O que é peculiar, porém, é que as professoras em geral não assumem
que estejam educando sexualmente, assim como a criança também não tem
consciência de que está sendo influenciada pelo CEI. Existe como que uma
inocência de mão dupla, o que oculta a perpetuação de determinadas posturas
preconceituosas, discriminatórias, desinformadas, medrosas e ameaçadoras.
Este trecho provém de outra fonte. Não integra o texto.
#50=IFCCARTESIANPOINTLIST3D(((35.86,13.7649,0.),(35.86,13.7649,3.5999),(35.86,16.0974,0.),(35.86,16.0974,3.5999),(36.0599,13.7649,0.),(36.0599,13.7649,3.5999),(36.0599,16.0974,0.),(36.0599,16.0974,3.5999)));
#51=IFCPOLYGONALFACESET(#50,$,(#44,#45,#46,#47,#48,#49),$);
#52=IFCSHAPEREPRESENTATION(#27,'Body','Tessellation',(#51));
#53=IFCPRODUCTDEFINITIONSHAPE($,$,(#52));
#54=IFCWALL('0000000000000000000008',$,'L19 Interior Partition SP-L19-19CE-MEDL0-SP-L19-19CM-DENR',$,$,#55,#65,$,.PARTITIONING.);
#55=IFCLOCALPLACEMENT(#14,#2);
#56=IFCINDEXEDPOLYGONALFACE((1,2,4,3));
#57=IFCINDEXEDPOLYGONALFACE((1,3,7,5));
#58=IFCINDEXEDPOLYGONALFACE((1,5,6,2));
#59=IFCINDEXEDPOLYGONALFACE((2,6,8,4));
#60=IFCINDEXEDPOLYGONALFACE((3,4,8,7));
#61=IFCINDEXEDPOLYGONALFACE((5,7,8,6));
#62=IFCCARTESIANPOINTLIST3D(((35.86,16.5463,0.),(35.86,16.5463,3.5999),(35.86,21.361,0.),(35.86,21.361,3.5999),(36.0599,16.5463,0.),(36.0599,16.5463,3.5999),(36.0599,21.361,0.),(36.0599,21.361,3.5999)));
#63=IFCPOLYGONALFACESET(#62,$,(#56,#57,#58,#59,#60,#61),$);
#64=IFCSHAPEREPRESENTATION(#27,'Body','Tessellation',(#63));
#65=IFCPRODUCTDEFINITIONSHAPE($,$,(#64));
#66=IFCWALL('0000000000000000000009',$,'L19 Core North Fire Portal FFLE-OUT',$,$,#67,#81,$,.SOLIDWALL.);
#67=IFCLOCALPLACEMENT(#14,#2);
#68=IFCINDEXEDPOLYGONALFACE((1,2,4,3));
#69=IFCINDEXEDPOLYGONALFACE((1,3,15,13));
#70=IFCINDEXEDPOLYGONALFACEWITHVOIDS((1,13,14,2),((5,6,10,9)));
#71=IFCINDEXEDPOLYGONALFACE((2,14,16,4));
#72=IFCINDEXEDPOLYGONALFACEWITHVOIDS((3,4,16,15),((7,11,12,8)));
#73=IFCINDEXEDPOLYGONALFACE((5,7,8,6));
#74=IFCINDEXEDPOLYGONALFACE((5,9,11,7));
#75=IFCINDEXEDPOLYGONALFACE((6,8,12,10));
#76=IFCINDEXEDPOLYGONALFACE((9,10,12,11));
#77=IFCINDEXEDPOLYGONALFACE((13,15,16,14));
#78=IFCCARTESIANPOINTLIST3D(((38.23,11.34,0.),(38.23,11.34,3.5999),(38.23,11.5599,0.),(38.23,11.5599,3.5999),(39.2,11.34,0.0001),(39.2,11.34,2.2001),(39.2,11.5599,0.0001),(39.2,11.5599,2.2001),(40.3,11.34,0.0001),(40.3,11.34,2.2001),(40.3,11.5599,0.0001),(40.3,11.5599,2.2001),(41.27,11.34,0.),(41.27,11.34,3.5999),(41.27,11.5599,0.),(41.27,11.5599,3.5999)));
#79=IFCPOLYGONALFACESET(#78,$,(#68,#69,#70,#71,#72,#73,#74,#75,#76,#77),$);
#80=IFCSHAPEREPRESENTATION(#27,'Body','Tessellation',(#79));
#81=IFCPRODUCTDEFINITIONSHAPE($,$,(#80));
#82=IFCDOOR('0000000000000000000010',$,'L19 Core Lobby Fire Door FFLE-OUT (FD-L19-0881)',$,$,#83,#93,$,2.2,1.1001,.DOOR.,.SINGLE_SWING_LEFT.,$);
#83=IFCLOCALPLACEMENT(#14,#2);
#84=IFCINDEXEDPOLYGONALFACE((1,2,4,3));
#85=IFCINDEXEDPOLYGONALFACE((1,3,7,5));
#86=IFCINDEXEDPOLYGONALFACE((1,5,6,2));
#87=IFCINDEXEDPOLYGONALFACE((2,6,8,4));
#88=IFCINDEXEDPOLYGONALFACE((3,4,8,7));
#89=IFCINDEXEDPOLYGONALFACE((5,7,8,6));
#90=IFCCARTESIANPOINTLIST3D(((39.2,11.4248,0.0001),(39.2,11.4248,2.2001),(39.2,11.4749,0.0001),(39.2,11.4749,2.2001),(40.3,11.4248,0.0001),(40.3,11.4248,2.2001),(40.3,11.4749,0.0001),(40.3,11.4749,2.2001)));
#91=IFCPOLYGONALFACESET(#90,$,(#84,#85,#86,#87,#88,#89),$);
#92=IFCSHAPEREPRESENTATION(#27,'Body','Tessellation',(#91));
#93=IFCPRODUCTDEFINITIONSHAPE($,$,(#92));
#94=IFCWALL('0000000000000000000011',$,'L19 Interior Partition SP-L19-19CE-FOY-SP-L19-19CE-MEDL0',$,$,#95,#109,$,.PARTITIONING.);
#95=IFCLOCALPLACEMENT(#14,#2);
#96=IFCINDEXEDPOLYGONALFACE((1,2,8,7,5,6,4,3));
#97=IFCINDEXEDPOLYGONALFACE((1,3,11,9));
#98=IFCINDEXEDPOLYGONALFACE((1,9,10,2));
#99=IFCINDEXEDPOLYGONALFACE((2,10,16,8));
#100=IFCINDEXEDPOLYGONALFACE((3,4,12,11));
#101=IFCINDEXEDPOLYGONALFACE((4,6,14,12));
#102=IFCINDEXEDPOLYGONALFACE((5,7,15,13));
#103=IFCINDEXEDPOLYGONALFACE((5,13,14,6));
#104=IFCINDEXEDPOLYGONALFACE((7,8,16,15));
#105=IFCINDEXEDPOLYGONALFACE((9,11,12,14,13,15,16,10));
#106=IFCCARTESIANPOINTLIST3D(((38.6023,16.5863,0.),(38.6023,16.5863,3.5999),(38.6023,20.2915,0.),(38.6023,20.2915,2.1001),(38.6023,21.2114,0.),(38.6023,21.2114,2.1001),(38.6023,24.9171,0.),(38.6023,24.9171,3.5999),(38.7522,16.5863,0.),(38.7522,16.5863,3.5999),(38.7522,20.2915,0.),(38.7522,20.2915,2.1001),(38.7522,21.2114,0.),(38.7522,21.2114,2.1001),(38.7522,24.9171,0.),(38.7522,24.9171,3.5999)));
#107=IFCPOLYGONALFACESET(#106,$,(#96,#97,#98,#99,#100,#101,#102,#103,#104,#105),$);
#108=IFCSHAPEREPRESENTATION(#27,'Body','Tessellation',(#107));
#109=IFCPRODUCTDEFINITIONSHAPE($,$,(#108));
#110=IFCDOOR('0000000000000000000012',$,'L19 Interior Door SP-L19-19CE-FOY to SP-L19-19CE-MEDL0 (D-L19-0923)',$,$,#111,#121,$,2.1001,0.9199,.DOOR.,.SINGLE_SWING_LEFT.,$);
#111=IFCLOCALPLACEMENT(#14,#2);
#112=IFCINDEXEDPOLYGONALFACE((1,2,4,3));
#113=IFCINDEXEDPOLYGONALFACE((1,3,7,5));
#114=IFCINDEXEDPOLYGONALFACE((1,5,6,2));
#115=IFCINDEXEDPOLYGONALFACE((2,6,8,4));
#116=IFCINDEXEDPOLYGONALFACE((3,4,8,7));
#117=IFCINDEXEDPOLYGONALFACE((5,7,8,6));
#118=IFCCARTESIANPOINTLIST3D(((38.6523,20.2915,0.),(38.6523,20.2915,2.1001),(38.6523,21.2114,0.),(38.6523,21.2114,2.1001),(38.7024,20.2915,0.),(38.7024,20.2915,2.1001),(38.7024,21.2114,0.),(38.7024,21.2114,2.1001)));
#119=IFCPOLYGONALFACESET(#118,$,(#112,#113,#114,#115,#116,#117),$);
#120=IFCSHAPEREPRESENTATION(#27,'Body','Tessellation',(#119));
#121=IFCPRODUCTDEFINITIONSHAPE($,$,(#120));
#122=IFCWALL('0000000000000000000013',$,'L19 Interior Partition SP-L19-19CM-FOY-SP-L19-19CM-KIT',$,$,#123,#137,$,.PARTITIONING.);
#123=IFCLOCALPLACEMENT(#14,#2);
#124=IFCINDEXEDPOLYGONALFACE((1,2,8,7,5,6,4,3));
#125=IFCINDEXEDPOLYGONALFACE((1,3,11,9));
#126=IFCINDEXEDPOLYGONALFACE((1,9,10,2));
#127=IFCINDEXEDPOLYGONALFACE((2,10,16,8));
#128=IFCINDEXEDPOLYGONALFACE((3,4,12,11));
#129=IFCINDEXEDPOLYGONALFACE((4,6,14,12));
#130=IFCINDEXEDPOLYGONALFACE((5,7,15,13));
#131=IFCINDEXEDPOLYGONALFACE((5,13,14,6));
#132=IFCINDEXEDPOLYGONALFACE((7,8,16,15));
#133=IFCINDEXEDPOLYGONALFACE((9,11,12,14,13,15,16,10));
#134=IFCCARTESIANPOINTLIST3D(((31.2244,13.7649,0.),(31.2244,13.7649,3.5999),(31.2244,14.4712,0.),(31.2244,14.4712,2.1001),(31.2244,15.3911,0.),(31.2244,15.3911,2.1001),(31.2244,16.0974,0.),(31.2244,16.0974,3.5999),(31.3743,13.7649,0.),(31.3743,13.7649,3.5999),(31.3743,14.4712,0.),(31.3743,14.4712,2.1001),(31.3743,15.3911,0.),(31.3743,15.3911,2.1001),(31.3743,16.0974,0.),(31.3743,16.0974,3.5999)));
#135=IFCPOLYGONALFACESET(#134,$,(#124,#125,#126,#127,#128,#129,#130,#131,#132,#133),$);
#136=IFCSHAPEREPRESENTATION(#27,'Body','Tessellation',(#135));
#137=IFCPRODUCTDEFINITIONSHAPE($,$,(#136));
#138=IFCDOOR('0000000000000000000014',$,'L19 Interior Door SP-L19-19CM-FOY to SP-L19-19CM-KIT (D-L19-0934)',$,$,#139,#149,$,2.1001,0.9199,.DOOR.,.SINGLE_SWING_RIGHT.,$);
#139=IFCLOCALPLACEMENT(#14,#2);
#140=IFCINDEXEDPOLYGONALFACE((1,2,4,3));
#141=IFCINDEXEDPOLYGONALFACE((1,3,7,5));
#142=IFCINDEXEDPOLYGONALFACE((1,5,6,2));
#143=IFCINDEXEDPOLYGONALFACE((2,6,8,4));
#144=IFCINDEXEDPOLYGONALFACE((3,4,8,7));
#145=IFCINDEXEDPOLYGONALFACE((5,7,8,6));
Essa é a Educação Sexual que queremos ver ultrapassada, dando lugar a uma
postura assumida, positiva, que encara o sexo como parte natural do
desenvolvimento. As discussões no CEI devem ir de encontro ao vazio criado
pelos padrões rígidos e as pressões sociais de dominação. Também os
educadores podem cooperar para a facilitação da capacidade de relacionar,
permitindo e apoiando os relacionamentos interpessoais com autonomia e
responsabilidade, porque as crianças têm o direito ao desenvolvimento destas
fontes do desejo e do prazer.
As questões cotidianas relacionadas à sexualidade cabem ao professor
e para tanto ele precisa de formação. Para lidar com a sexualidade na escola é
preciso ter conhecimento científico e humanista. Ao final desta pesquisa,
continuamos acreditando que uma formação inicial consistente leva o professor
à reflexão sobre uma prática comprometida com o desenvolvimento integral da
criança, que a implantação da Educação Sexual nos cursos de formação é
urgente e que profissionais da educação infantil necessitam de tal formação,
porque a pesquisa revelou a urgência dessas profissionais assumirem o seu
papel central no processo sexual educativo da criança.